# SSL einrichten



## Benzol (17. Dezember 2004)

Guten morgen!
Ich soll für meine Firma den vorhandenen, im Intranet exestierenden Win2k3 Server mit IIS 6, Active Directory und WSS+SPS2003 jetzt über eine sicher Verbindung erreichbar machen. 
Ich habe mich jetzt durch einige Berichte gelelesen... die mich aber mitunter mehr verwirrt haben als aufgeklärt  
Vorerst soll der Server noch nicht von Internet aus erreichbar sein.
Meine Frage ist jetzt, welche Reihenfolge muss ich beachten? Brauche ich zwingend ein Zertifikat? Muss ich das von Zertifizierungsstellen anfertigen lassen oder kann ich das auch selber erstellen, und wenn ja, wie erreiche ich soetwas?
Für baldige Hilfe wäre ich sehr Dankbar, da der Server sehr bald darüber laufen soll.
MfG Benzol


----------



## JohannesR (17. Dezember 2004)

Naja, du solltest deine Zertifikate schon signieren lassen, das kannst du selber machen, oder machen lassen. Selber machen ist umsonst, dafuer nicht so ganz sicher (M-i-t-M-Attacken). Zertifikate, die z.B. von Thawte signiert sind, garantieren in einem gewissen Masz, dass man mit der richtigen Gegenstelle kommuniziert.
Leider kann ich dir nicht helfen, wie man ein Cert unter Win32 erstellt, da ich aus dem anderen Lager komme... ;-]


----------



## Benzol (17. Dezember 2004)

Johannes Röttger hat gesagt.:
			
		

> ... da ich aus dem anderen Lager komme... ;-]


Ihhh   
Ne im ernst, habe nochmal mit Chef gesprochen.. er meint er würde Zertifakte bekommen.. woher die nun sind, weis ich nicht.

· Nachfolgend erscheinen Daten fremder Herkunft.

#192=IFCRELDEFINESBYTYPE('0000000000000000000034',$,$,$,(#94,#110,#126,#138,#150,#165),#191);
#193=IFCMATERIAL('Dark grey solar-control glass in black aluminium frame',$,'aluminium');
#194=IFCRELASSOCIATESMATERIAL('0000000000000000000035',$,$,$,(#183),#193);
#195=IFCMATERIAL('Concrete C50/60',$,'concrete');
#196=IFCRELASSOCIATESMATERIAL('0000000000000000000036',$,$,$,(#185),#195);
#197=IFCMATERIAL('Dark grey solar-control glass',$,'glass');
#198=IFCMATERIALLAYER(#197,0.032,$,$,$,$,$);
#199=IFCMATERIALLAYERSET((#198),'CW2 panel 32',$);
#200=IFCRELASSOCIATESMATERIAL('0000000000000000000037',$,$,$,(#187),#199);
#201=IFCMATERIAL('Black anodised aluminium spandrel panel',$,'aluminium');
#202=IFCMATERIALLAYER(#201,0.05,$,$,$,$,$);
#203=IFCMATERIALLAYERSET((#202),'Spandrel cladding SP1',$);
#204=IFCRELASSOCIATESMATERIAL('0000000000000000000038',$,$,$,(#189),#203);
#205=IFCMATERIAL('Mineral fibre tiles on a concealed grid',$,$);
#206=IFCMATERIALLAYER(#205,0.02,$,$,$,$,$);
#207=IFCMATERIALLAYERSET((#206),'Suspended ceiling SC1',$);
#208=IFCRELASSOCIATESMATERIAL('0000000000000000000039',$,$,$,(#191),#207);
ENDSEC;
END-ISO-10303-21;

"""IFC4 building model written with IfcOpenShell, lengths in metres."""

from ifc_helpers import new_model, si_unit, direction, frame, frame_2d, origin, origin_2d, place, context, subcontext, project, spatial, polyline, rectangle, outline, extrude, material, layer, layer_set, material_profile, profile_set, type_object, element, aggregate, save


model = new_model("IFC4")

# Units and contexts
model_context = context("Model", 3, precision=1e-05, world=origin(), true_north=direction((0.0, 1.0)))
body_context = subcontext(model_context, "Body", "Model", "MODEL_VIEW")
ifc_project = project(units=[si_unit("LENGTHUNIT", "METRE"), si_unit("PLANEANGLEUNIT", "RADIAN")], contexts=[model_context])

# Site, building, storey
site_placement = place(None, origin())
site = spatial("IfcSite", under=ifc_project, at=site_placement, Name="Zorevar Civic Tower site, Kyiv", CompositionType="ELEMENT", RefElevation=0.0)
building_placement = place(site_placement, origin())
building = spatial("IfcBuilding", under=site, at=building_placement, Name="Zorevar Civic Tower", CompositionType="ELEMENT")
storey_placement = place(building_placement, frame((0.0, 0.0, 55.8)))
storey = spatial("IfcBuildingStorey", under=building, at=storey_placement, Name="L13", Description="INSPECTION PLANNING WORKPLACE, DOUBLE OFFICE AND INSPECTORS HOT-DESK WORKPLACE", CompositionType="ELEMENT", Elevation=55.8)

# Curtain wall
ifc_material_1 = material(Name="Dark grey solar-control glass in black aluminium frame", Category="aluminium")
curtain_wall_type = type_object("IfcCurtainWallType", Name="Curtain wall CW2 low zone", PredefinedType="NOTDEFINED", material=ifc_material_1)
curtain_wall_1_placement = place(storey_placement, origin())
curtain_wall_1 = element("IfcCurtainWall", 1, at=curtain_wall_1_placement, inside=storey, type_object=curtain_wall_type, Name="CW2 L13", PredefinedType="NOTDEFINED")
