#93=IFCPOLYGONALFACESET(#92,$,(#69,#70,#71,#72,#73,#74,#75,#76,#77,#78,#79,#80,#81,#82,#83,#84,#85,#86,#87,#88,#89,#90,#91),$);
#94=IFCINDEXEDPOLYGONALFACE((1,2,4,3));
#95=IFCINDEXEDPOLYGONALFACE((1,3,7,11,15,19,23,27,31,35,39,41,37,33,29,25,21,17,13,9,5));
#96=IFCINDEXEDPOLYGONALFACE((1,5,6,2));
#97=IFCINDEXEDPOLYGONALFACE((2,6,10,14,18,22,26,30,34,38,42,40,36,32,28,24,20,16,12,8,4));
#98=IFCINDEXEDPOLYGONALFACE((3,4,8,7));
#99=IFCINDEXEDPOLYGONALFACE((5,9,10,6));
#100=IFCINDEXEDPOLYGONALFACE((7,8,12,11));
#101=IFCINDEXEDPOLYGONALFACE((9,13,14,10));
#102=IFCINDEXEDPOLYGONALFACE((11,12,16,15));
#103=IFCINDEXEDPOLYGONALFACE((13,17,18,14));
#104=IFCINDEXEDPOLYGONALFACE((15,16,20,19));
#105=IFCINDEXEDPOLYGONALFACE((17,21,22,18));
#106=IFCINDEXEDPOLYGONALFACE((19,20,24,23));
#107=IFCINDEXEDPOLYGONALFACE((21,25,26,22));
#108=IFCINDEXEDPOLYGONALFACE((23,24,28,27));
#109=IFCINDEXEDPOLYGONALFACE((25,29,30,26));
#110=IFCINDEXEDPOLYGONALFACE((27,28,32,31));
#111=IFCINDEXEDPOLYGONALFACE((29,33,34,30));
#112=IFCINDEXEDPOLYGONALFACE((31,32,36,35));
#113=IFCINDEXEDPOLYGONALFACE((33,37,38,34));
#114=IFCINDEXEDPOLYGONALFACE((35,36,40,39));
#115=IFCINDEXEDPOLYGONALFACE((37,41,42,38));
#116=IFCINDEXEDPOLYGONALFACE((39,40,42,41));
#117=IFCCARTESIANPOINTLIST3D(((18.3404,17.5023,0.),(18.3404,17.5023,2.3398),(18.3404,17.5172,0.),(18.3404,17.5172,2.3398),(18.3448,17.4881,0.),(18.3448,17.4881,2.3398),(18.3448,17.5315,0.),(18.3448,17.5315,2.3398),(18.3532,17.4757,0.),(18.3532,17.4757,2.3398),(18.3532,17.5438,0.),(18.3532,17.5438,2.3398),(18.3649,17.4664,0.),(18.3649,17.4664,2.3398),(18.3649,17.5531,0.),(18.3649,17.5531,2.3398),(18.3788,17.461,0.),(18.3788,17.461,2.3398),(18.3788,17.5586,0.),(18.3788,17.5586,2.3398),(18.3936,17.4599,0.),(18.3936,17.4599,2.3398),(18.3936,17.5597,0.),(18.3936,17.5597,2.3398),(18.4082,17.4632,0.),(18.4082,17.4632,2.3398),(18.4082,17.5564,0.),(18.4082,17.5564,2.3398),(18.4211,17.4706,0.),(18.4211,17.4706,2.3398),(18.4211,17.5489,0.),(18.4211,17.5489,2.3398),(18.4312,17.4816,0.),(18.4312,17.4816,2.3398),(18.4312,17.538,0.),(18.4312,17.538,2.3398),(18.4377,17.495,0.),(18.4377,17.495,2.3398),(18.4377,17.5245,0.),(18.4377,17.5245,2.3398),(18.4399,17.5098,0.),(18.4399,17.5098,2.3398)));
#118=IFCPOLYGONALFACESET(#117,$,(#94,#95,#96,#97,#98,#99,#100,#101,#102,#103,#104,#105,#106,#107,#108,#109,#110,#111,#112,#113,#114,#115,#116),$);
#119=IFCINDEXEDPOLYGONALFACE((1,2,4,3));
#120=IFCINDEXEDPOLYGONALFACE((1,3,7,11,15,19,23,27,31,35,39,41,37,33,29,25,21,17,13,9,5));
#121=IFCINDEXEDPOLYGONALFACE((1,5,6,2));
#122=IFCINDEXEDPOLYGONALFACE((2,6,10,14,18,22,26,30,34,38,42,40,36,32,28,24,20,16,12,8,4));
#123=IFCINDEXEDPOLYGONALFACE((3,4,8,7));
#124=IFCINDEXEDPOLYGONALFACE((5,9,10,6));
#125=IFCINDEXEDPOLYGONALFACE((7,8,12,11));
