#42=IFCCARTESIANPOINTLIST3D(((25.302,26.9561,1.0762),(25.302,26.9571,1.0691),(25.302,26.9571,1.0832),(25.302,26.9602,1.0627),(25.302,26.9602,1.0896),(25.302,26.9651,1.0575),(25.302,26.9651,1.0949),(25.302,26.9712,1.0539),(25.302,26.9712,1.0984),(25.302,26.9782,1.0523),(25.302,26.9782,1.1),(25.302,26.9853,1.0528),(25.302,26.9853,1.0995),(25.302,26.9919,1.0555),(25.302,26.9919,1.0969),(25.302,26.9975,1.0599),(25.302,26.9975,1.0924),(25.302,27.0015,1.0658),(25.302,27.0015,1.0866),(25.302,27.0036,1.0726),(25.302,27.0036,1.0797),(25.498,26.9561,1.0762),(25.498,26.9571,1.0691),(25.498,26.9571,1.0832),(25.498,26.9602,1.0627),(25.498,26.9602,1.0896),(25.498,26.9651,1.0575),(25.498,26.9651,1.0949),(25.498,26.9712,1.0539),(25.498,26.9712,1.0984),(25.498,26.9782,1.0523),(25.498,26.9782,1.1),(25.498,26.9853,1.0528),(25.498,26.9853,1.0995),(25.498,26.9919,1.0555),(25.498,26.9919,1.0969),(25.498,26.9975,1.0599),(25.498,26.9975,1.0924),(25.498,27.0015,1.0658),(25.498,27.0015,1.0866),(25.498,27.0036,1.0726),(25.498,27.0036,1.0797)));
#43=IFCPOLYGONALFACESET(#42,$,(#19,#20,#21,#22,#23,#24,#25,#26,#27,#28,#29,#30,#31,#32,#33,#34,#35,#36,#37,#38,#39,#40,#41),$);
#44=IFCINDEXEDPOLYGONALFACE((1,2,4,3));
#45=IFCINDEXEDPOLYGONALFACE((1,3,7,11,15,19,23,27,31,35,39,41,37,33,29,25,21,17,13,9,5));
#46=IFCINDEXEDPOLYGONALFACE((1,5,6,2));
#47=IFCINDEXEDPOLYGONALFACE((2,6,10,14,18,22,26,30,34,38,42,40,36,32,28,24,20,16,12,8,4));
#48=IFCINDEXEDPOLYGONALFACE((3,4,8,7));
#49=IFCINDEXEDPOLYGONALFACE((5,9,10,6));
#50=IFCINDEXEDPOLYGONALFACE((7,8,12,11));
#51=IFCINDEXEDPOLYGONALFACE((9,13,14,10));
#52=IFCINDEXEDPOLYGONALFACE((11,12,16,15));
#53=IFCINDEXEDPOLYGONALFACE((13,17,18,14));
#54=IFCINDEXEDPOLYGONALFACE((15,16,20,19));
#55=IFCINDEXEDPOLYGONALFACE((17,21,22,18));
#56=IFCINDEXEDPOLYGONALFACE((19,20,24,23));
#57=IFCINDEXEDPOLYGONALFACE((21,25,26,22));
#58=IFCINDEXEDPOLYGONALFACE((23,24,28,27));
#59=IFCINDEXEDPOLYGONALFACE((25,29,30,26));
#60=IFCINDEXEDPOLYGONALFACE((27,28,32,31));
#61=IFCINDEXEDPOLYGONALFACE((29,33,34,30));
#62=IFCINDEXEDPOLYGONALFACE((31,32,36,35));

Aber hier, du kennst dich dann sicher gut mit Linux aus, gelle?
Soll nämlich eine Datensicherung per rsync realisieren, und vieleicht hast du das ja schonmal gemacht. Der Daemon soll zwar auf einem Netwareserver laufen, aber die Konfigurationsschritte scheinen ja nahliegend die gleichen zu sein. Es würde mir schon reichen, wenn ich wüsste, was ich da alles einstellen muss


----------